I’m trying to control a relay from Raspberry Pi that will switch an LED on/off. The relay is working (lightning up and clicking), but the LED doesn’t turn on.
Here is how I wired everything:
VCC – 5V
IN2 – GPIO pin 19
GND – GND
NC – GND
COM2 – 9V Battery Positive side
I’m aware that the way I wired NC and COM are probably wrong and I would like to know how I should wire the LED side so that it can be controlled from the relay and Raspberry Pi
- Welcome and nice to meet you. (1) Your wiring list seems not complete. (2) It is not clear why there is a “COM2”. Do you have a dual relay module with two relays on board, so you have COM1 and COM2? (2) I am using a random relay as an example, so your relay might not match my wiring diagram. (3) It would be nice if you can show us a photo or a link to your relay. Please feel free to ask us any newbie questions. Have a great project! Cheers. – tlfong01 53 mins ago
(1) How to use Rpi to control a relay to switch on/off a LED?
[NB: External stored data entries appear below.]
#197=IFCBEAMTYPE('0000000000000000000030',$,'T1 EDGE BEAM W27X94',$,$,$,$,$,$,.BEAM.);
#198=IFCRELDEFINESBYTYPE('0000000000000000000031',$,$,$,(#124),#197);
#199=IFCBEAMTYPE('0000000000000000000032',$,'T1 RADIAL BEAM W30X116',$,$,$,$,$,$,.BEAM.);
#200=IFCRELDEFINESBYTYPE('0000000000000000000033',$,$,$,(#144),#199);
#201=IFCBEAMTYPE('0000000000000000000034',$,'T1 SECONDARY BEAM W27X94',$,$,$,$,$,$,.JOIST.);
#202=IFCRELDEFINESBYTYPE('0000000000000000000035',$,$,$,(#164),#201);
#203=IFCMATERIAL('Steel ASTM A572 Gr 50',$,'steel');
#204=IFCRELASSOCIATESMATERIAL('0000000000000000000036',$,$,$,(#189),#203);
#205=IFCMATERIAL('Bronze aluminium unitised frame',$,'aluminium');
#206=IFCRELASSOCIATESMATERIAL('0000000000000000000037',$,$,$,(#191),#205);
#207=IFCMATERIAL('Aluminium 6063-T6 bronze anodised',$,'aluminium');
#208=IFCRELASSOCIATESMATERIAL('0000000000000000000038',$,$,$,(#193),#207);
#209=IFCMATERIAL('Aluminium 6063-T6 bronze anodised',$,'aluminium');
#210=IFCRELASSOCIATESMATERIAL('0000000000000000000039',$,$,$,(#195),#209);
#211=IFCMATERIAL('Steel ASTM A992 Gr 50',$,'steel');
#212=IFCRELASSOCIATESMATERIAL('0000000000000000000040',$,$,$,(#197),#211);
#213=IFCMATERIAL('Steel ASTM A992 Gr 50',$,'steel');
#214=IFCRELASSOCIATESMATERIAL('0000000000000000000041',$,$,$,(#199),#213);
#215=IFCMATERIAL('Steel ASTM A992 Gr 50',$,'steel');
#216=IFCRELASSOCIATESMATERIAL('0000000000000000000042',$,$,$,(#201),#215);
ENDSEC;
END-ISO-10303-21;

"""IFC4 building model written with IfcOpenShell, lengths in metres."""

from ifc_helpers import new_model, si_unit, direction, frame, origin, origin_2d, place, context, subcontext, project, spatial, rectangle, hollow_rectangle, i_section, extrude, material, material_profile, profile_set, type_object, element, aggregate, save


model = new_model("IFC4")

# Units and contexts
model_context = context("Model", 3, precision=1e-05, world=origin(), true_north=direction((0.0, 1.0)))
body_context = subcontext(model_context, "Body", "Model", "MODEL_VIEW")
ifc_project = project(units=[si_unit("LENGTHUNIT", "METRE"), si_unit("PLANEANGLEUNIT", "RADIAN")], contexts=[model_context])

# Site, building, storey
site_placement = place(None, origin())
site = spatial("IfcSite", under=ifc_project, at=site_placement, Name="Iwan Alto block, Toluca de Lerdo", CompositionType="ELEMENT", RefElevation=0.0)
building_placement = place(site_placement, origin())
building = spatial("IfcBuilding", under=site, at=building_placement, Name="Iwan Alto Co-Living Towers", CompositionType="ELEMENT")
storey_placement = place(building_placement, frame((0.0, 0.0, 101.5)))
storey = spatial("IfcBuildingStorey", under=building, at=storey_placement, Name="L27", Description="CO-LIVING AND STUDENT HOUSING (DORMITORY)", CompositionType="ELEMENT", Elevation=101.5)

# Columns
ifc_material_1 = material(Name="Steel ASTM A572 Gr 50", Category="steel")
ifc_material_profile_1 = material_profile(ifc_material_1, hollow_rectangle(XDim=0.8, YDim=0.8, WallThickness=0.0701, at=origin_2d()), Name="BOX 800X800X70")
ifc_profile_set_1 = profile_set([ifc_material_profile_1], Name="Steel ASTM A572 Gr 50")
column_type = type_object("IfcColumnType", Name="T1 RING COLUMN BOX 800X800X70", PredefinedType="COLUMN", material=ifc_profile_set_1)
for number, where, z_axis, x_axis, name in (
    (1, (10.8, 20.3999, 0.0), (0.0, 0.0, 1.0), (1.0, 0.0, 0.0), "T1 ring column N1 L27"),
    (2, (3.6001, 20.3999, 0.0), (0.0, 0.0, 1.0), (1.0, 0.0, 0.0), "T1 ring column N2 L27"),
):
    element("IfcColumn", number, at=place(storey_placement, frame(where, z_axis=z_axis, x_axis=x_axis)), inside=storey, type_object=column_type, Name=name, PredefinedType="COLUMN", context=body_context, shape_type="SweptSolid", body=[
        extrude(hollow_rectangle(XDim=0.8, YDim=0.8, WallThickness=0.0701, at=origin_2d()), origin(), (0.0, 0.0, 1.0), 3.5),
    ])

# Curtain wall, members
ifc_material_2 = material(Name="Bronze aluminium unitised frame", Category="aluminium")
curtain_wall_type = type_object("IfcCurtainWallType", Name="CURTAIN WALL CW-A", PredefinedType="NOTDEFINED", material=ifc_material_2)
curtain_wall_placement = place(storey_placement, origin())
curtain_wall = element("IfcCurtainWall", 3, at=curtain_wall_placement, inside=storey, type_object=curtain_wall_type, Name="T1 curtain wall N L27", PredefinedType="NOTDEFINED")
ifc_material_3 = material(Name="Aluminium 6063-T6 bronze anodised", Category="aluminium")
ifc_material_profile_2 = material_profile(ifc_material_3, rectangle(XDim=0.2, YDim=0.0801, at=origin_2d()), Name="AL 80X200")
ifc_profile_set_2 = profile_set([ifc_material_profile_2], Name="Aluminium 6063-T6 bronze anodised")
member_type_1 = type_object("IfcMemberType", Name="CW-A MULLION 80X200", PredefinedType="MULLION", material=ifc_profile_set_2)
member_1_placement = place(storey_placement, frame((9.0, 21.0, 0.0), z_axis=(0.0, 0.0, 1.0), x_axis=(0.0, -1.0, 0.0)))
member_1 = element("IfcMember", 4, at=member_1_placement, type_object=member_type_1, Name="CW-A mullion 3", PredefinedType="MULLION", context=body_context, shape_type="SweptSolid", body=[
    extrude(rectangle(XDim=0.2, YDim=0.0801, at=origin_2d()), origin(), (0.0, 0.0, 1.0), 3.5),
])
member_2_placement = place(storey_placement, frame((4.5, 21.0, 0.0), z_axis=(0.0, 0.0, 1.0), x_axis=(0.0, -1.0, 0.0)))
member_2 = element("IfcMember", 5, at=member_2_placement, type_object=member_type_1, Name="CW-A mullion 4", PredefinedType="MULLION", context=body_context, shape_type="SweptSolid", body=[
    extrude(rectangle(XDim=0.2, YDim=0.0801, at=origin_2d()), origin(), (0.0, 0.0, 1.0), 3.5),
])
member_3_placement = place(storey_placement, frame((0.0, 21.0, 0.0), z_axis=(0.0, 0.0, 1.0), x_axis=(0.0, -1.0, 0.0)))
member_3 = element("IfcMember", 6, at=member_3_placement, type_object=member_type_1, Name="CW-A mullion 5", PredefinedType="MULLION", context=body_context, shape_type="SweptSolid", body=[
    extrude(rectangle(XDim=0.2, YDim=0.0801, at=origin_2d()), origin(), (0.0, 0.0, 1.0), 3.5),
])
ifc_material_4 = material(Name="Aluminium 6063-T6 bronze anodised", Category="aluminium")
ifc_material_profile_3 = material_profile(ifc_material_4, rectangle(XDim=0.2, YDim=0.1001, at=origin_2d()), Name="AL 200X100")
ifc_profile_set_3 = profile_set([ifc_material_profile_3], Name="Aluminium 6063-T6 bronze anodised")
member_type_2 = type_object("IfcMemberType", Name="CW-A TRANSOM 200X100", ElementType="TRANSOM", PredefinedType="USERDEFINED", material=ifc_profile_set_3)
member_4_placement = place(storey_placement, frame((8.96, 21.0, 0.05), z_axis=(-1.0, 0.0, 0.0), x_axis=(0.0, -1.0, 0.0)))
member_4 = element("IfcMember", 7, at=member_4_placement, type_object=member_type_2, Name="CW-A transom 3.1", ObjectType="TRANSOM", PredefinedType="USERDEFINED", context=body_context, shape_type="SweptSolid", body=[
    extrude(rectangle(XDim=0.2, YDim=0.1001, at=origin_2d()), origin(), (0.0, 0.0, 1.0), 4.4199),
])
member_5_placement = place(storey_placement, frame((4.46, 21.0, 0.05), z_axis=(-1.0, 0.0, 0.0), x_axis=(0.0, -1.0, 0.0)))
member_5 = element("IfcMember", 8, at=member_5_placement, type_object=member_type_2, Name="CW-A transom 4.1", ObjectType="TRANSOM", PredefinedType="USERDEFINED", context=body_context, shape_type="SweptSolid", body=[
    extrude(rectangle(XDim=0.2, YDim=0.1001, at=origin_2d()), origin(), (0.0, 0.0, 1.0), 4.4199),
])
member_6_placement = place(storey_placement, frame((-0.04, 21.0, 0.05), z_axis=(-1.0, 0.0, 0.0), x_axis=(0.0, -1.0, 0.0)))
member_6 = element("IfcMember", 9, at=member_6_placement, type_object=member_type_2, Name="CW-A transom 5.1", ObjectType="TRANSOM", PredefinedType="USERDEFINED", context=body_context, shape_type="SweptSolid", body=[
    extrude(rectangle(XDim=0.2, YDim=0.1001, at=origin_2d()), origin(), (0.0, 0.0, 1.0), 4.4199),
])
(2) How to wire the NC and COM terminals of the relay?
Let us use the following example and look at right side, the relay switch with the COM, NO, and NC terminals:
Part A – How to wire the COM and NO terminals
(1) COM (Common) – The COM terminal connects to the power source, eg +5V, +6V, +9V, +12V of a battery.
(2) NO – (Normally Open) – The NO terminal connects to the load, ie the LED, with a series protecting resistor, usually 4k7 to 1k2.
(3) Grd – (Ground) The ground terminal connects to the other end of the load.
(4) NC (Normally Open) – The NC terminal is not used, ie, left open or disconnected.
Part B – Troubleshooting notes
(1) It is important to connect a protective resistor in series with the LED, otherwise too much current would flow through the LED and fry it.
(2) Usually an ordinary LED needs 5mA ~ 20mA to turn on. The value of the protective series resistor can be calculated as below:
(a) Vcc = Voltage to power the LED, supposing 9V,
(b) V = voltage across the LED, supposing 0.4V,
(a) Ir = current flowing through the resistor and LED, supposing 10mA,
(c) Vr = voltage across the protective resistor, = 9V – 0.4V = 8.6V,
(d) R = value of resistor = Vr / Ir (Ohm’s Law) = 8.6V / 10mA ~= 860Ω
So you need a 860Ω resistor to protect the LED. Usually you don’t need to be that precise, because all values of components and power etc are only rough numbers, so a resistor of 512Ω to 1kΩ should be good enough.